Ekki málið means, it's pretty nuisance to translate it to english, but i guess it's quite similar to what you explained, No problem = ekki málið, and i'm not sure actually what "thorn" means, i get "Þyrnir" in my dictionary wich does not make any sense, but "Þakka" hasn't became "takk" it depends on the circumstances wich to use


----------



## Kumpel

Sorry, I think I explained badly. 
Thorn is the name of "Þ" in English; would you say _þorn _in Icelandic? 
What I was asking is, if _Þakka _and _takk _are related, why does the Þ change to just a _t_. To me, it seems odd that the Þ (equivalent to _th_ in English) changes to just a _t_.
It's like, the verb "to *th*ank" becoming "*T*anks" when you thank someone.

Can you tell me the conjugation (samtengingu) of þakka, takk?

Lloyd


----------



## Alxmrphi

Hi Kumpel, the declension (nouns) and conjugation (verbs) are available on this site here, I don't know a single learner of Icelandic who doesn't rely heavily on this site 
_Takk_ is not a verb, it's an exclamation like "Thanks" in English.

Also, two more things, feminine nouns that end in _-ing _in Icelandic only get the_ -u_ in the declension when it is (singular) accusative / dative, so it would be _samtenging_) *but *that is the wrong word, that means conjunction (like _and_,_ but_, _if_) the word for conjugation in Icelandic is _sagnbeyging_.

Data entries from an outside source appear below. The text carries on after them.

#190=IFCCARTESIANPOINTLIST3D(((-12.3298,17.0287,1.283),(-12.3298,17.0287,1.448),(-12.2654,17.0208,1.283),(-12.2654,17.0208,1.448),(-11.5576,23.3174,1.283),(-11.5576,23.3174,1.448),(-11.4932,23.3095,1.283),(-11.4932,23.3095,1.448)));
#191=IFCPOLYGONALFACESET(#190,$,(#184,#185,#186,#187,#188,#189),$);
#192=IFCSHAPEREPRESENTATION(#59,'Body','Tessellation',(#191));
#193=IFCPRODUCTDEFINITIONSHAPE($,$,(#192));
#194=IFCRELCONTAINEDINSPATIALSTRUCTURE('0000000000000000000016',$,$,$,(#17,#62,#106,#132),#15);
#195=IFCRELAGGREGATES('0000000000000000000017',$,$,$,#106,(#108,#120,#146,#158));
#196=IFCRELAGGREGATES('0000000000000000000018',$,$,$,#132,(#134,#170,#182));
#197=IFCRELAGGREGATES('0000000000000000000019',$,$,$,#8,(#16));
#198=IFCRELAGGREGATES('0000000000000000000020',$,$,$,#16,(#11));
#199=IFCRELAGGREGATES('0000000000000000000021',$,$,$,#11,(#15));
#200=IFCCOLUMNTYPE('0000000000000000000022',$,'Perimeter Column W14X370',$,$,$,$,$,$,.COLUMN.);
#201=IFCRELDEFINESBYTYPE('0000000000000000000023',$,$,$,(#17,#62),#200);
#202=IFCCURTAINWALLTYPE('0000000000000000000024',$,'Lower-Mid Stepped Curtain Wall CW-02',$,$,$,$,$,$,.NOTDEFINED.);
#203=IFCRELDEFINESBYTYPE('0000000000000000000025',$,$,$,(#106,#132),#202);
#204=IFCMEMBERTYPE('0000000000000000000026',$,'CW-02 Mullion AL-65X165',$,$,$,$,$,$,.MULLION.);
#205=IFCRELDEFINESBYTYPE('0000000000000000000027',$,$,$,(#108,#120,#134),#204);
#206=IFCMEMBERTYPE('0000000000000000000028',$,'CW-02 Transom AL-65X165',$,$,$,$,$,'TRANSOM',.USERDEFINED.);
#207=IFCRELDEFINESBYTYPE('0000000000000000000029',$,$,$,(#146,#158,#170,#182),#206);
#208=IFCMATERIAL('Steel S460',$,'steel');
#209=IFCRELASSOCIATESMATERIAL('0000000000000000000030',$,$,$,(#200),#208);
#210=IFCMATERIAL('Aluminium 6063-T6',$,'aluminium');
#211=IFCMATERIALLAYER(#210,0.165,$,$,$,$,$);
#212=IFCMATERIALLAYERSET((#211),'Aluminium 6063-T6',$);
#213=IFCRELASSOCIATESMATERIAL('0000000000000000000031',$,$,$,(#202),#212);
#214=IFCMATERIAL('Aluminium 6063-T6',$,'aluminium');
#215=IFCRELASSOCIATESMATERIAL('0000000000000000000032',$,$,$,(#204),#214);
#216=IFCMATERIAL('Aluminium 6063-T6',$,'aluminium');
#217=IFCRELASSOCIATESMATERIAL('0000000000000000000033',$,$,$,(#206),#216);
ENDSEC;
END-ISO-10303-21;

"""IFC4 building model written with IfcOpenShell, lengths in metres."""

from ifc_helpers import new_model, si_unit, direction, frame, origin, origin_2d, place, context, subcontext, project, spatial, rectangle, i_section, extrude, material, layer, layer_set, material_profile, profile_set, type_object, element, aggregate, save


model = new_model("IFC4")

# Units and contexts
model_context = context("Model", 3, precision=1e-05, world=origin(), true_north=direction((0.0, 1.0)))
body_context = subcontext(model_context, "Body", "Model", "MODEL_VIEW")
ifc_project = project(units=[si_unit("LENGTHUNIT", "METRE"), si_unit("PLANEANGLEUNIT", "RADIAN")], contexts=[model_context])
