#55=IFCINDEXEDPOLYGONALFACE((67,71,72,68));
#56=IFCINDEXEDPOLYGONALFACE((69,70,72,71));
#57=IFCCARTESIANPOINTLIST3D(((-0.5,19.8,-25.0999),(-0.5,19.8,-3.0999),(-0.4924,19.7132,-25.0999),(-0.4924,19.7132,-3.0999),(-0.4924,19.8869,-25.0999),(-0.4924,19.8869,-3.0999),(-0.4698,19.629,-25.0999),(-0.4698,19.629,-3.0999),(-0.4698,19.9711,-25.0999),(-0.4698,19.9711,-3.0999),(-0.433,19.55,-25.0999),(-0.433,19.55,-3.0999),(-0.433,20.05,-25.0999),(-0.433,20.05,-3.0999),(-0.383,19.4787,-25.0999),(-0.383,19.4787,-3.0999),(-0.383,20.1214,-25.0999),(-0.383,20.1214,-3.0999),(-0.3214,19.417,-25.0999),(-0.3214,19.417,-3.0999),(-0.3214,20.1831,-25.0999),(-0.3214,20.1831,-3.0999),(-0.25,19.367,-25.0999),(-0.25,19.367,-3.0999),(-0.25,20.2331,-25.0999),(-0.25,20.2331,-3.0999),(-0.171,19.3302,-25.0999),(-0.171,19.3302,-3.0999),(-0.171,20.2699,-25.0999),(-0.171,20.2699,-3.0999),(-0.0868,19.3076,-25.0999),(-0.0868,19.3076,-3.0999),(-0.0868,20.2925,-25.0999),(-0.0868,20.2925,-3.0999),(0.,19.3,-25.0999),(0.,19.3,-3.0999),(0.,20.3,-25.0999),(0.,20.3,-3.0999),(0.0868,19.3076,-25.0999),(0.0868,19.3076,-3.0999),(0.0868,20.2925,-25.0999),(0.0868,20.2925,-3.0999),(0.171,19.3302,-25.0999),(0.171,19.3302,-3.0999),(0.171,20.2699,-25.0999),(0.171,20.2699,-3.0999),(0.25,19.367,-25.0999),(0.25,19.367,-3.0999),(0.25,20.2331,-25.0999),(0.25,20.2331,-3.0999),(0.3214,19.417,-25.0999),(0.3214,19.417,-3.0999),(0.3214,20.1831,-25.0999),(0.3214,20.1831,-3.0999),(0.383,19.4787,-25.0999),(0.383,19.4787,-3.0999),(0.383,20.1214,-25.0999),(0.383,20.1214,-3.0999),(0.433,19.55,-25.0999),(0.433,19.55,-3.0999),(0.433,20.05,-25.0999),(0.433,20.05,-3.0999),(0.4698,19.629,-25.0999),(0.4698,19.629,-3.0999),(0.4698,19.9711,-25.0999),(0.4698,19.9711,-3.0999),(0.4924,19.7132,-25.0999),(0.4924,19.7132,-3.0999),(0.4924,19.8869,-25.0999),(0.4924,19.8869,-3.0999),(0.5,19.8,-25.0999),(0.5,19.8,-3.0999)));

So _the conjugation of the verb að þakka is_ (_sagnbeygingin sagnorðins að þakka_ _er_)

Ég þakka
Þú þakkar
Hann þakkar
Við þökkum
Þið þakkið
Þeir þakka

It's a normal group-1 weak verb.

[Edit]: I just saw your other question, the development of Old Norse into the Scandinavian languages, Danish lost its "th" (unvoiced) sound and replaced it with "t" *, and this is how the ancestor of þakka went into Danish as "tak", which Iceland borrowed (takk) (under Danish rule), so it has the Danish form (now considered a standard part of the modern vocabulary like_ forest / pork_ are now in English) as well as the original verb form that was present in the ancestor language, so it lives with both, and the difference is that Danish has no unvoiced "th" sound and had meant the form had developed to be _takk_.

*I know next to nothing about Danish or its history, but I know it doesn't have a sound corresponding to þ in Icelandic, or unvoiced "th" in English, because these ended up as [t] in the language.


----------



## Kumpel

Takk, man.
I used Google Translator to get the word for conjugation; I did it because, reading Sindri's posts, I wasn't sure if his English was good enough for words which are obscure in informal conversation - So, that one's Google's fault.
I'm not learning Icelandic, as such, I'm just interested in linguistic change, so the _Þ > t_ thing was bugging me.
I know _takk_ is an interjection, but it's obviously related to _að þakka_, so I wondered why the difference(, especially as, even in the conjugation you've given, it retains the þ).

Takk fyrir, nevertheless.
Lloyd


PS Just reading through what I wrote, the _"(__samtengingu)" _is in the accusative, but still, the wrong word you say.


----------



## Alxmrphi

> Takk fyrir, nevertheless.
> Lloyd


The _nevertheless_ part makes it seem as if you haven't got the answer you were looking for, but correct me if I am wrong. I thought I explained the þ -> t difference.
I see what you mean about Google Translate, it does give_ samtengingu_, I wonder how they got that. 



> PS Just reading through what I wrote, the _"(__samtengingu)"  _is in the accusative, but still, the wrong word you say.


Good point, I didn't view it like that!


----------



## Kumpel

Yeah, don't worry, you did explain it well. 
The _nevertheless _was because I felt like I spent the whole post making excuses for using the wrong word, and talking about how I'm interested in language, and how I do know that _takk_'s an interjection, and that that's in the accusative case, etc.
I drifted off the point of þ > t, well, I drifted off the point of drinking straws.

...but nevertheless, ta.

Lloyd


----------